コミュニケーションデザイン事業などを展開するトガルは、東京、愛知、大阪に住む21〜23歳の学生94人を対象に、企業選びの本音に関する調査を行った。それによると、まずは企業の知名度よりも社風を重んじるという、ブランドにこだわらず自分の感覚を大切にする傾向が見られたが、初任給が安い企業はイヤだというしっかりした側面も見られた。
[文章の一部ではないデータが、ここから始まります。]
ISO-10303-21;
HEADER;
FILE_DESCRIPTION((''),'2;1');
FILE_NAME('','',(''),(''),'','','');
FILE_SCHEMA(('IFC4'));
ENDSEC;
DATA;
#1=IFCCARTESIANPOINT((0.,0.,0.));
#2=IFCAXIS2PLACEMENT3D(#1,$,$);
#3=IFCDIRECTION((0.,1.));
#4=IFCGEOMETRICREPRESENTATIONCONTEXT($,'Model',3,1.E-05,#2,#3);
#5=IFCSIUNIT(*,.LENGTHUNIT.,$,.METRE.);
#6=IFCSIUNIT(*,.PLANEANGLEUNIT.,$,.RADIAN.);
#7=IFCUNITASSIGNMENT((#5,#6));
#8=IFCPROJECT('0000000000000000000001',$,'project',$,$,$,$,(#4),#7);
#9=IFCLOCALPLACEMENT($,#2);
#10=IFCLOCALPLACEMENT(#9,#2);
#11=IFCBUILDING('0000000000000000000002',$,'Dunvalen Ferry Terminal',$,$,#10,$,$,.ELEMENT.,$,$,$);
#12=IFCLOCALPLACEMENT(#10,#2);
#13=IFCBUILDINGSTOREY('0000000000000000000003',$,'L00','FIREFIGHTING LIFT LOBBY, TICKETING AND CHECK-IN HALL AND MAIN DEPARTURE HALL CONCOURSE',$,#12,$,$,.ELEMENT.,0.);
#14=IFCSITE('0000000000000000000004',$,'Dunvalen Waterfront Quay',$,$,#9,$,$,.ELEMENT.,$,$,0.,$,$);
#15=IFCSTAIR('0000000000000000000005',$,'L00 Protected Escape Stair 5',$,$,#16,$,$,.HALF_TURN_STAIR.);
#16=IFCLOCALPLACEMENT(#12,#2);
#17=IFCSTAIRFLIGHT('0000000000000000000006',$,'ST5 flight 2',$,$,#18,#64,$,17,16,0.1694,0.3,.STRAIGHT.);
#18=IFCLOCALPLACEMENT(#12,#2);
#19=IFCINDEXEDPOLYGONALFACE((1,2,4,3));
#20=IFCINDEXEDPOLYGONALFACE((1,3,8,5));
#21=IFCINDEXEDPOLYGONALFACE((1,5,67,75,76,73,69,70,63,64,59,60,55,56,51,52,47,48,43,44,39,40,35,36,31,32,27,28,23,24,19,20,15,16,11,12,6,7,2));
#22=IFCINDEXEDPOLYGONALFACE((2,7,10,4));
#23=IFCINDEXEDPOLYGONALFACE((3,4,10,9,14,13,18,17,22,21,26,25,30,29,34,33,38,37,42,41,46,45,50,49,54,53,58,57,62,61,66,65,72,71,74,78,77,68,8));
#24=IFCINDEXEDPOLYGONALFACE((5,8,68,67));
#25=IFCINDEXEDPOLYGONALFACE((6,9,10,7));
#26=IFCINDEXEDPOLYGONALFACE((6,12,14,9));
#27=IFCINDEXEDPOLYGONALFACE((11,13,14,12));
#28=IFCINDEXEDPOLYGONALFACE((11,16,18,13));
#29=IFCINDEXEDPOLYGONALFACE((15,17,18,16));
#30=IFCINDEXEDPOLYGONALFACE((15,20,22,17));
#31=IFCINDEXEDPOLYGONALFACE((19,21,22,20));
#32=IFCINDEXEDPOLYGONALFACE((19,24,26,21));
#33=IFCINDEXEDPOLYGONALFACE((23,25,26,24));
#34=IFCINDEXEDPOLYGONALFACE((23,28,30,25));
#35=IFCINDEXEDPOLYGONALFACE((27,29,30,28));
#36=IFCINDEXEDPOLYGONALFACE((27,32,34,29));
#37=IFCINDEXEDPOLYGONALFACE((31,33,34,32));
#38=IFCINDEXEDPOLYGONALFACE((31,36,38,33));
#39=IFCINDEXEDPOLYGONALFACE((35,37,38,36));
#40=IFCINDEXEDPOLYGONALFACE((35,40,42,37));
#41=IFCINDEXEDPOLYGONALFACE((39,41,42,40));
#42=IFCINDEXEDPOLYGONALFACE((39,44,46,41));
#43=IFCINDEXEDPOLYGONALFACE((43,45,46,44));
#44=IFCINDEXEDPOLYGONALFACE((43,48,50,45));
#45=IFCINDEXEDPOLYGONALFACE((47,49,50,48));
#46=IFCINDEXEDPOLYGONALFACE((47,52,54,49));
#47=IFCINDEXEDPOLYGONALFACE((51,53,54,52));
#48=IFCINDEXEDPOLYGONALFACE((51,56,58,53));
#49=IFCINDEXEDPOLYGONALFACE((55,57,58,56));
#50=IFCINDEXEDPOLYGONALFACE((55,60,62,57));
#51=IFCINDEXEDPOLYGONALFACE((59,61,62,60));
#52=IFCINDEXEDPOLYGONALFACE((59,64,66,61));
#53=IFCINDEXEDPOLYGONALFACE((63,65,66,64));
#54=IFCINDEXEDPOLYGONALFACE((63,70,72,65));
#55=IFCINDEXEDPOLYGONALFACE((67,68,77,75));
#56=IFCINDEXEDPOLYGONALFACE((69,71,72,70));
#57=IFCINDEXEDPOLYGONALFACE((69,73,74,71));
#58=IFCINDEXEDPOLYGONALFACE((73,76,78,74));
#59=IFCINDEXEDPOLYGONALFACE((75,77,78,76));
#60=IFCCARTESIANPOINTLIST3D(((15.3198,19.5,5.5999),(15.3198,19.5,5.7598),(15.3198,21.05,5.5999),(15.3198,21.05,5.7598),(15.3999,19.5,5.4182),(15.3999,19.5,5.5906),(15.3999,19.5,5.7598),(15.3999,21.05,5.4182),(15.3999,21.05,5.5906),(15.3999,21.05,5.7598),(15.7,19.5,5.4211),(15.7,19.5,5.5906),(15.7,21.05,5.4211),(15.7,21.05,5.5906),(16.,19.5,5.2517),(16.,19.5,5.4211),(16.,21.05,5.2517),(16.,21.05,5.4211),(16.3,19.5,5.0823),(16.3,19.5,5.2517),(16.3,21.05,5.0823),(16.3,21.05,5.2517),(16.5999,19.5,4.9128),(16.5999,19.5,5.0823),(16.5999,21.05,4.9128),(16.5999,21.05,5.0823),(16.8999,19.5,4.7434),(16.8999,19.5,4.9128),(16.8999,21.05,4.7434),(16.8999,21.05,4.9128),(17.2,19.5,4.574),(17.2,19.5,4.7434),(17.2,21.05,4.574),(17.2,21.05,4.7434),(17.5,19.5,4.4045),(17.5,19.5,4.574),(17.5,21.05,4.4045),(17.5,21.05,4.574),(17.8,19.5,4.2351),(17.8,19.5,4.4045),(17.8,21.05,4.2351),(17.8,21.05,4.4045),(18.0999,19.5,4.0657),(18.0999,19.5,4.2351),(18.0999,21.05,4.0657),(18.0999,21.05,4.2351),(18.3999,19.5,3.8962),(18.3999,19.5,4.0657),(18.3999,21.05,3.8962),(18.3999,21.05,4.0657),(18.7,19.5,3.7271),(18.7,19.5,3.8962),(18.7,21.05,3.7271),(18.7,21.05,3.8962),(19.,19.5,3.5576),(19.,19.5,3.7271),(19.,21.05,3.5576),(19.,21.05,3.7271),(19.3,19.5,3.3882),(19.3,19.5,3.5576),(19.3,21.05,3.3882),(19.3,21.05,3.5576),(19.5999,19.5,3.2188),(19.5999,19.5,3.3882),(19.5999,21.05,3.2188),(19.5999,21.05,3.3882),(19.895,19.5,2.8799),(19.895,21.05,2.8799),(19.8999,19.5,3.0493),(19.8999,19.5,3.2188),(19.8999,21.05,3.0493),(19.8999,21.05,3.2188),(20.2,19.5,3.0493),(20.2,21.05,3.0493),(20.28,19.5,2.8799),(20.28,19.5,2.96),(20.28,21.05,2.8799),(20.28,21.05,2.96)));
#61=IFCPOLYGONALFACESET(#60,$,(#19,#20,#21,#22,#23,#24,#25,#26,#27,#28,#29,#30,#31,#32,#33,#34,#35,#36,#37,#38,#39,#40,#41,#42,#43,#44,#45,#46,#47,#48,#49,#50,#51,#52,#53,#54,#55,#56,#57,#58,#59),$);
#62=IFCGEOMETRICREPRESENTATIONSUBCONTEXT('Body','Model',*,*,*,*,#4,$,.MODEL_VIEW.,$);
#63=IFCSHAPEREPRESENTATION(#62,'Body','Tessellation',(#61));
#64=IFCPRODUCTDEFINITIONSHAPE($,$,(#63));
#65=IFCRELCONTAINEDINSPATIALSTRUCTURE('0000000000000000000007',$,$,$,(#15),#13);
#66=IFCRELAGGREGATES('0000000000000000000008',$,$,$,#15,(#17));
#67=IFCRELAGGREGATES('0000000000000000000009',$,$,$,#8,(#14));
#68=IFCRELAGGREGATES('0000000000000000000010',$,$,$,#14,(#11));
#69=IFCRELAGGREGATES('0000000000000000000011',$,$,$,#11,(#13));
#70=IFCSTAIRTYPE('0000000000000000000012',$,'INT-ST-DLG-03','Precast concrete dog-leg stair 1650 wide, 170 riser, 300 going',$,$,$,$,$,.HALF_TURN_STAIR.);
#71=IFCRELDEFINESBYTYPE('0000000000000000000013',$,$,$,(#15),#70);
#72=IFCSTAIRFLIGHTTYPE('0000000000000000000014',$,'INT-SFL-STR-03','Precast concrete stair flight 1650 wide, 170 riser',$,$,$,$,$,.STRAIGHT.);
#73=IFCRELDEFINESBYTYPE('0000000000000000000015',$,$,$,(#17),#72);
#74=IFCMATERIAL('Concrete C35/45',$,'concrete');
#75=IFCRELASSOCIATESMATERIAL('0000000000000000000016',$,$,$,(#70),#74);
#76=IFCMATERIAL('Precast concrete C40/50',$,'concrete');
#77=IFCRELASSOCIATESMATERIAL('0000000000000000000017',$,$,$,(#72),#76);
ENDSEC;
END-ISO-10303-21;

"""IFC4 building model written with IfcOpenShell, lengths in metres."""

from ifc_helpers import new_model, si_unit, direction, frame, origin, place, context, subcontext, project, spatial, polyline, outline, extrude, material, type_object, element, aggregate, save


model = new_model("IFC4")

# Units and contexts
model_context = context("Model", 3, precision=1e-05, world=origin(), true_north=direction((0.0, 1.0)))
body_context = subcontext(model_context, "Body", "Model", "MODEL_VIEW")
ifc_project = project(units=[si_unit("LENGTHUNIT", "METRE"), si_unit("PLANEANGLEUNIT", "RADIAN")], contexts=[model_context])

# Site, building, storey
site_placement = place(None, origin())
site = spatial("IfcSite", under=ifc_project, at=site_placement, Name="Dunvalen Waterfront Quay", CompositionType="ELEMENT", RefElevation=0.0)
building_placement = place(site_placement, origin())
building = spatial("IfcBuilding", under=site, at=building_placement, Name="Dunvalen Ferry Terminal", CompositionType="ELEMENT")
storey_placement = place(building_placement, origin())
storey = spatial("IfcBuildingStorey", under=building, at=storey_placement, Name="L00", Description="FIREFIGHTING LIFT LOBBY, TICKETING AND CHECK-IN HALL AND MAIN DEPARTURE HALL CONCOURSE", CompositionType="ELEMENT", Elevation=0.0)

# Shared definitions
ifc_material_1 = material(Name="Concrete C35/45", Category="concrete")

# Stair, stair flight
stair_type = type_object("IfcStairType", Name="INT-ST-DLG-03", Description="Precast concrete dog-leg stair 1650 wide, 170 riser, 300 going", PredefinedType="HALF_TURN_STAIR", material=ifc_material_1)
stair_placement = place(storey_placement, origin())
stair = element("IfcStair", 1, at=stair_placement, inside=storey, type_object=stair_type, Name="L00 Protected Escape Stair 5", PredefinedType="HALF_TURN_STAIR")
ifc_material_2 = material(Name="Precast concrete C40/50", Category="concrete")
stair_flight_type = type_object("IfcStairFlightType", Name="INT-SFL-STR-03", Description="Precast concrete stair flight 1650 wide, 170 riser", PredefinedType="STRAIGHT", material=ifc_material_2)
stair_flight_1_placement = place(storey_placement, frame((20.2, 20.2749, 2.8799), z_axis=(0.0, 0.0, 1.0), x_axis=(-1.0, 0.0, 0.0)))
stair_flight_1 = element("IfcStairFlight", 2, at=stair_flight_1_placement, type_object=stair_flight_type, Name="ST5 flight 2", NumberOfRisers=17, NumberOfTreads=16, PredefinedType="STRAIGHT", RiserHeight=0.1694, TreadLength=0.3, context=body_context, shape_type="SweptSolid", body=[
    extrude(outline(polyline([(-0.0801, 0.0), (-0.0801, 0.0801), (0.0, 0.1694), (0.3, 0.1694), (0.3, 0.3389), (0.6001, 0.3389), (0.6001, 0.5083), (0.8999, 0.5083), (0.8999, 0.6777), (1.2, 0.6777), (1.2, 0.8472), (1.5, 0.8472), (1.5, 1.0164), (1.8, 1.0164), (1.8, 1.1858), (2.1001, 1.1858), (2.1001, 1.3552), (2.3999, 1.3552), (2.3999, 1.5247), (2.7, 1.5247), (2.7, 1.6941), (3.0, 1.6941), (3.0, 1.8635), (3.3, 1.8635), (3.3, 2.033), (3.6001, 2.033), (3.6001, 2.2024), (3.8999, 2.2024), (3.8999, 2.3718), (4.2, 2.3718), (4.2, 2.5413), (4.5, 2.5413), (4.5, 2.7107), (4.8, 2.7107), (4.8, 2.8799), (4.8801, 2.8799), (4.8801, 2.72), (4.8, 2.5383), (0.3049, 0.0), (-0.0801, 0.0)])), frame((0.0, 0.7749, 0.0), z_axis=(0.0, -1.0, 0.0), x_axis=(1.0, 0.0, 0.0)), (0.0, 0.0, 1.0), 1.55),
])
aggregate(stair, [stair_flight_1])

save(model, "model.ifc")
企業の知名度を気にするかを尋ねると、知名度が高い有名企業を望む人は16パーセントにとどまった。もっとも多かったのが「一般的ではないが業界内では知名度の高い企業」(41.5パーセント)。それに僅差で迫るのが「知名度は気にしない」(40.4パーセント)だった。業界内で知名度が高い企業とは、企業の目線で信頼が厚い企業と言える。つまりは名より実を取る意義深い仕事をしたいという意欲の表れに思える。知名度を気にしない人たちは言うに及ばずだ。これらをあわせると、ブランドよりも仕事内容を重視する人が8割以上にのぼる。
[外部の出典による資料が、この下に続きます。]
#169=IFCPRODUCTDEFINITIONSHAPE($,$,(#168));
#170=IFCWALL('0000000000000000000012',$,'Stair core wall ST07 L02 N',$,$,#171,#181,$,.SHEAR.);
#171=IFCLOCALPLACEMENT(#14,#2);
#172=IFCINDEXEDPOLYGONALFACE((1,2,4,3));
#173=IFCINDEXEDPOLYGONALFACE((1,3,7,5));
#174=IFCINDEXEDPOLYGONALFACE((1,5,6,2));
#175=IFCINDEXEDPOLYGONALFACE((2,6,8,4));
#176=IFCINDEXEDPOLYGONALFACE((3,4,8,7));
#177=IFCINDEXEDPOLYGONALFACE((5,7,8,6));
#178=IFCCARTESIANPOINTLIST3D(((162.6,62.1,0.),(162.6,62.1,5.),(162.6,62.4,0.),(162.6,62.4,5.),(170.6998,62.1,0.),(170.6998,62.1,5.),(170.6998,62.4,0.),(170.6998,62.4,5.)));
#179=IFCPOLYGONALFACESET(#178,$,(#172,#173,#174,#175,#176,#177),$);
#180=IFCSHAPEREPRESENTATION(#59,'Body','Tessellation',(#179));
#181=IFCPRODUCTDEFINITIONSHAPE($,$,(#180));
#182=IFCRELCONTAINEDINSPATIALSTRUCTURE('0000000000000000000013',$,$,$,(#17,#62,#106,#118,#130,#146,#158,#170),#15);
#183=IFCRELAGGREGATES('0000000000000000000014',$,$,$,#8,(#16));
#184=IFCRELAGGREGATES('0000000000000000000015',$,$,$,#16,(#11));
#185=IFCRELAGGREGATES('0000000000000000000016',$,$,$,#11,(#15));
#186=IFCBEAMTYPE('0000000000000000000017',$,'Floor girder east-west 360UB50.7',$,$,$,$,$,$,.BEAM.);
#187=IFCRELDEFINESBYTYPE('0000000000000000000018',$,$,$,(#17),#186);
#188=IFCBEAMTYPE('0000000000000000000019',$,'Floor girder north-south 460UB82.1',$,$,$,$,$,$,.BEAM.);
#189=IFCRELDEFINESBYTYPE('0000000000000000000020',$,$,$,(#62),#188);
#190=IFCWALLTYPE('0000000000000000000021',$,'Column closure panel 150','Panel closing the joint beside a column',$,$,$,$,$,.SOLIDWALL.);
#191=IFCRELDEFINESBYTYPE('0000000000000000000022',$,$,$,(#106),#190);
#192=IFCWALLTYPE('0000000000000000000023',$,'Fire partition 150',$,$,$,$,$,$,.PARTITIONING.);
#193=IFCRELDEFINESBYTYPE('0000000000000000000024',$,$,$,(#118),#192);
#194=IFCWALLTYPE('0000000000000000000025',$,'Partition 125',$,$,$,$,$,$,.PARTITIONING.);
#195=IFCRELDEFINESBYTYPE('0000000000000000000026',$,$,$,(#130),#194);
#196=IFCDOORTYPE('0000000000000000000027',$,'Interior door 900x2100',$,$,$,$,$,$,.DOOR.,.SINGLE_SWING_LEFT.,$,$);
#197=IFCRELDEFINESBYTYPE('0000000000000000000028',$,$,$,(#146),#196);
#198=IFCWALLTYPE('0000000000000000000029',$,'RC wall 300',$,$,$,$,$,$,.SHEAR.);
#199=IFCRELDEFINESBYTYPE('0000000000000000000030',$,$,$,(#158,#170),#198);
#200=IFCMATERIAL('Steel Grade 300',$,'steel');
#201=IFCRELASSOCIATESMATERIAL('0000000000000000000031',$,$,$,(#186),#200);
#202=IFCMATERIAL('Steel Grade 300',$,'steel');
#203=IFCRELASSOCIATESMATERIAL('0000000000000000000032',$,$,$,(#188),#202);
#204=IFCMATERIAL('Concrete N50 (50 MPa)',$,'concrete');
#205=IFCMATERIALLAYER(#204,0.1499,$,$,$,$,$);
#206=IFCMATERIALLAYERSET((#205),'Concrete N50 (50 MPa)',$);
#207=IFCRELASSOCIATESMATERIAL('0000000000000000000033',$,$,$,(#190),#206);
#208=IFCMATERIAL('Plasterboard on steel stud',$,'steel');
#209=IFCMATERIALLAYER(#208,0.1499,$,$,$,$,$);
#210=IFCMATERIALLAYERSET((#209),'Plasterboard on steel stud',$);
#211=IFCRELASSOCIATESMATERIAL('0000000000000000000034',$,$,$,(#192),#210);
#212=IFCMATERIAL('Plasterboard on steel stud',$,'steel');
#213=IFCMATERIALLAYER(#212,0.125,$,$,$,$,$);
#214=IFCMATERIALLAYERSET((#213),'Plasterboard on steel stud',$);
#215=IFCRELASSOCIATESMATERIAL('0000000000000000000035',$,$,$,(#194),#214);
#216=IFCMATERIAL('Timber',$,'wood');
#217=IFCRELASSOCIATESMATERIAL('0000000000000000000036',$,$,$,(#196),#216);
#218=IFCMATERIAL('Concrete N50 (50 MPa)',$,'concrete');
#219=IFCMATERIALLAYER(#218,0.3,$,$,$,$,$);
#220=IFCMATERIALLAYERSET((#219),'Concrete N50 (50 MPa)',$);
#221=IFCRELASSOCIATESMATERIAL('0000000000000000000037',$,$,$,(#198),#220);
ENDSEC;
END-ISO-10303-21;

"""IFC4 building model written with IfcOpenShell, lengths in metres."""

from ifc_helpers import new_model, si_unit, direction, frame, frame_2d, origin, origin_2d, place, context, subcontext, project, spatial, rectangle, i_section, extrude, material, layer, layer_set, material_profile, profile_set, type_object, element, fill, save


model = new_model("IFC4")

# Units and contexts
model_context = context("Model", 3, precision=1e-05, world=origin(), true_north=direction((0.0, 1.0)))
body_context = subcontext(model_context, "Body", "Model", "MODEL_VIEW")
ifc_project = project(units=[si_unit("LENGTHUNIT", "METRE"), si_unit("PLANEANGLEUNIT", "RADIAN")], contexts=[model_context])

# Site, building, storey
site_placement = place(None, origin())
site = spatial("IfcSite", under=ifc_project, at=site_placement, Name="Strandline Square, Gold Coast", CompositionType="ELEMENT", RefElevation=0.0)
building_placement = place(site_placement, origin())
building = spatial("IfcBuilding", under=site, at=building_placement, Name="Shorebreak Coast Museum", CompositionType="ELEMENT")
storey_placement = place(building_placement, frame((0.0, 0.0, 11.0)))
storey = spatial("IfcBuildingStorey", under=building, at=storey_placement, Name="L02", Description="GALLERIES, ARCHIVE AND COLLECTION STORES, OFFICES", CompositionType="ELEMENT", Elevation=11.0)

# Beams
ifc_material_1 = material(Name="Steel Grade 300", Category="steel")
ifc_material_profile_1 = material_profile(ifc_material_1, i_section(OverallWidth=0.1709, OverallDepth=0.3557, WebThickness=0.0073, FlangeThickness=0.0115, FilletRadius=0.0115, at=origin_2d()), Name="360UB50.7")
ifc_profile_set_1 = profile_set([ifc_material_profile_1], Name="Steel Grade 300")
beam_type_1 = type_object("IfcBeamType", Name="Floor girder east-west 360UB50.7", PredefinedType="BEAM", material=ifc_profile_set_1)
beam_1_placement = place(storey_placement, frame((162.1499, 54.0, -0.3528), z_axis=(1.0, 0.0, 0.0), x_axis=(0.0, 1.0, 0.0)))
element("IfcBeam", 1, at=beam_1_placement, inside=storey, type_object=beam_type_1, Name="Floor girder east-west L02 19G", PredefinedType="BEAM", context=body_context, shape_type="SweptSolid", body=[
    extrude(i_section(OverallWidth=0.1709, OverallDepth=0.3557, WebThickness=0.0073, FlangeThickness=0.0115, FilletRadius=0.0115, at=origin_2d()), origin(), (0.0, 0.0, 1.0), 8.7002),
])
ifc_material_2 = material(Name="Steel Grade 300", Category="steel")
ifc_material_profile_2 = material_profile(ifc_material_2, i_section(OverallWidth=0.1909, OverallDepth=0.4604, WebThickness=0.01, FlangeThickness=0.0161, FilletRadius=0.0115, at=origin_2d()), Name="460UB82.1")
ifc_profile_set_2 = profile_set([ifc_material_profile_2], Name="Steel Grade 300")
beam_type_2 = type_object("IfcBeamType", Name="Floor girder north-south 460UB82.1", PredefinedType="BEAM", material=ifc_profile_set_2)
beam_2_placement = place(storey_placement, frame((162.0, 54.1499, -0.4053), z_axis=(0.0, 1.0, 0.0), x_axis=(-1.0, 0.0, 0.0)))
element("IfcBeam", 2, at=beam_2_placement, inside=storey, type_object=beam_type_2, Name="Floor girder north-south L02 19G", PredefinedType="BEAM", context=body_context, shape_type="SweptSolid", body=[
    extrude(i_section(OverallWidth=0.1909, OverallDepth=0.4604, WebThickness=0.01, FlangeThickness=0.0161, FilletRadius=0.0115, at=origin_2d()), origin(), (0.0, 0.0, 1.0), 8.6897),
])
では具体的にどのような企業が選ばれるのか。そこで好ましい社風を2つまであげてもらったところ、もっとも多かったのが「安定志向で落ち着いた雰囲気」だった。それに「プライベートを大切にする働き方」が僅差で続く。また3位には「社員同士のコミュニケーションが活発で仲がよい雰囲気」があげられた。「成果・実力主義」は約5パーセントにとどまった。

有名企業でバリバリ頑張るよりは、無名でも意義深い事業を行う企業の和やかな職場で、ワークライフバランスを保ちつつ働きたいというのがZ世代の本音のようだ。しかし、それがすべてではない。
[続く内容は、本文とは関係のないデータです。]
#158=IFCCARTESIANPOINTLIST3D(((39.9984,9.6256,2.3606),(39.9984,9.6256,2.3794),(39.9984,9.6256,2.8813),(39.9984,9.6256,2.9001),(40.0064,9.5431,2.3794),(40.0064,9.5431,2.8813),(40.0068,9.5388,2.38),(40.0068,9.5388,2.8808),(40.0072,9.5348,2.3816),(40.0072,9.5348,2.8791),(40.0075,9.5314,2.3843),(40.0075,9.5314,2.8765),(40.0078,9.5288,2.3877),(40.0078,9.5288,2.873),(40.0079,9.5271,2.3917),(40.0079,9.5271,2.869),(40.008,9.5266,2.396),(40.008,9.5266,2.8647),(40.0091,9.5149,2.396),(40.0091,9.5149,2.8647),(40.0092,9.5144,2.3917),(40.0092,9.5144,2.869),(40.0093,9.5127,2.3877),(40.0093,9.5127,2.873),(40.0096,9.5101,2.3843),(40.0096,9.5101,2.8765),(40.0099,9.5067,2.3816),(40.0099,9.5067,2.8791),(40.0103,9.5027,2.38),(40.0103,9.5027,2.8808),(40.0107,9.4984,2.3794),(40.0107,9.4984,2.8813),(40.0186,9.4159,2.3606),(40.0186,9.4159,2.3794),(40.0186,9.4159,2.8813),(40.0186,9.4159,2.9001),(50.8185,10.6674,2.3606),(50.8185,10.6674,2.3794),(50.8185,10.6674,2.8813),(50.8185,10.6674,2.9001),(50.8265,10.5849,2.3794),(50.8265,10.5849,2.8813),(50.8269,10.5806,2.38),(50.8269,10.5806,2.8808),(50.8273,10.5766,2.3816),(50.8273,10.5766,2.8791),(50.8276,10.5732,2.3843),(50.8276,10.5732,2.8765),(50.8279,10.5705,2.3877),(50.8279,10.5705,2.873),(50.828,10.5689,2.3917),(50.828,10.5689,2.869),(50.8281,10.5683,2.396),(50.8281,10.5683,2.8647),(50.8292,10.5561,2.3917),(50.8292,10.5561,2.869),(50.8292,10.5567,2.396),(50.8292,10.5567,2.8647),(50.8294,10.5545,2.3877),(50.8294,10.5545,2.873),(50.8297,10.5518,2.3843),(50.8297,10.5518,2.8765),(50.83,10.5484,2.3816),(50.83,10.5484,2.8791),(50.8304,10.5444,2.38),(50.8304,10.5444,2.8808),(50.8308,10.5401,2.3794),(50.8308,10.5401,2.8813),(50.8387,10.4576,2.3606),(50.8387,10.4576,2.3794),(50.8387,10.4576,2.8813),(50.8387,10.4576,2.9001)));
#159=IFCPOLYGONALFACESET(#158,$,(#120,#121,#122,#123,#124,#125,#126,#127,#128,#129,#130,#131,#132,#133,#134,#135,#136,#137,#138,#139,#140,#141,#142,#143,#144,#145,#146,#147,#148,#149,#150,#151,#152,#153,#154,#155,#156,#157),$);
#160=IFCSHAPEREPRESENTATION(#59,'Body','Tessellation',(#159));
この調査の詳細を見ると、エントリーで重視するポイントに「給料」をあげる人がもっとも多い。「仕事内容」はその次だ。物価高のおり、ある程度の収入を確保できなければワークライフバランスも保てない。彼らが望む初任給は、19〜21万円がボリュームゾーンだ。2025年度の大卒初任給の平均は約24万円ということだから、やや控えめだが、給与が決め手になることに変わりはない。

トガルはこの調査結果を受けて、Z世代は「どんな会社に入りたいか」よりも「どんな環境で働きたいか」を重視していると分析。そこで企業側は、誰と働くか、どんな関係を築けるかなど、SNSなどで職場の雰囲気を伝える発信を行うことが重要になる。今後は「企業の知名度や規模ではなく、社風・人間関係・働くリアルを発信できる企業」が選ばれる時代になると指摘している。